For dogs that dont want to give up the ball have 2 balls. One that you threw and they retrieved and one in your hand to throw when they come back to you. As they are dropping the old ball you say "give it" or " release" or whatever you want to say to your dog. It doesnt take to long for the dog to realize the game continues if they drop the ball.


----------



## newport (Aug 8, 2011)

General V said:


> For dogs that dont want to give up the ball have 2 balls. One that you threw and they retrieved and one in your hand to throw when they come back to you. As they are dropping the old ball you say "give it" or " release" or whatever you want to say to your dog.
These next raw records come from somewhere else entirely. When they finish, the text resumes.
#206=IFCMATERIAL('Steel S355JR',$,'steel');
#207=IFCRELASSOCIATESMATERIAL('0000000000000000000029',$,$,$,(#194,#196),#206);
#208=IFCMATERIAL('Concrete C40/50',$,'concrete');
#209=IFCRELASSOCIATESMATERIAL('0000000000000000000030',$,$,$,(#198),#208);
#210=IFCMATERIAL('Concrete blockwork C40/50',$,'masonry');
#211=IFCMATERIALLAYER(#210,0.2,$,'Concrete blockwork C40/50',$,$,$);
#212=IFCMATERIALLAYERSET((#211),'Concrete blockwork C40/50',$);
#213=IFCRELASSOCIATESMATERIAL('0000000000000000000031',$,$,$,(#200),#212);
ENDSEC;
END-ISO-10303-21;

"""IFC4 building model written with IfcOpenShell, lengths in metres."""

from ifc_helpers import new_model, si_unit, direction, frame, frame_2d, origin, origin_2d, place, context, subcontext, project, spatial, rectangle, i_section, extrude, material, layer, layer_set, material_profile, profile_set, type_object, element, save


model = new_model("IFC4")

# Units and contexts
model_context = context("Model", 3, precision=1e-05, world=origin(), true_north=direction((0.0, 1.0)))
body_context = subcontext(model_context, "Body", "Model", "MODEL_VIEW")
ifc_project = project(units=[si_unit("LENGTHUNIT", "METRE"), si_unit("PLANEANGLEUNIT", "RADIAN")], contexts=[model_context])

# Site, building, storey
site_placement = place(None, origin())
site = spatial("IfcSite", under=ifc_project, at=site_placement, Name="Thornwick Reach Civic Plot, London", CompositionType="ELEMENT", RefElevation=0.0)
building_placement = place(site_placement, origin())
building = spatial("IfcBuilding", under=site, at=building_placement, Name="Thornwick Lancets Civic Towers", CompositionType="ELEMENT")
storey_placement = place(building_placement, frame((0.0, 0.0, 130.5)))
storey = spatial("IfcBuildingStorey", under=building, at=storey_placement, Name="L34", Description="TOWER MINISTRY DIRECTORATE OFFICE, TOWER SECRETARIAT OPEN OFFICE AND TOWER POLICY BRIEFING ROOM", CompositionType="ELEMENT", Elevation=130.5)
It doesnt take to long for the dog to realize the game continues if they drop the ball.


I tried this with Lola- it does not work because she wants BOTH BALLS. What do you do for that?


----------



## Jige (Mar 17, 2011)

I would put the dog on a long line so they can not get away from you. Then I physically remove the ball as you are doing that say give it or release it. Then throw the ball you were holding. Dont forget to praise even if you are taking the ball from her you want her to know that this is a good thing and what you want.


----------



## janababy (Jan 2, 2012)

What I did with Buddy was throw a ball, or frizbee, or stick. When he came near me with it. I would say "thank you" and gently removed it from his mouth and swap it out for a piece of kibble or dog treat. He now will bring me what ever I have thrown to him, no problem. I have never chased him for anything so he know the "game " is in retrieving it and in the "chase".


----------



## khrios (May 5, 2010)

Sadie's previous owner allowed her to play tug and keep away. She never gives anything back. She clamps down and good luck getting her to give it back. It is her favorite game.

I made some progress teaching her to play. We played fetch in a very small scale. She didn't even have to run to get the ball. I threw it right in front of her. She picked it up and I praised her...then I showed her my open hand, and with the other hand, showed her a treat. She dropped the ball, got the treat and lots of praise. Played this game a lot yesterday. Later on played fetch in the living room...and later took it to the backyard. 

We made progress. First, she actually ran after the ball. Second, she brought it back. Third, she actually dropped it at my feet.


----------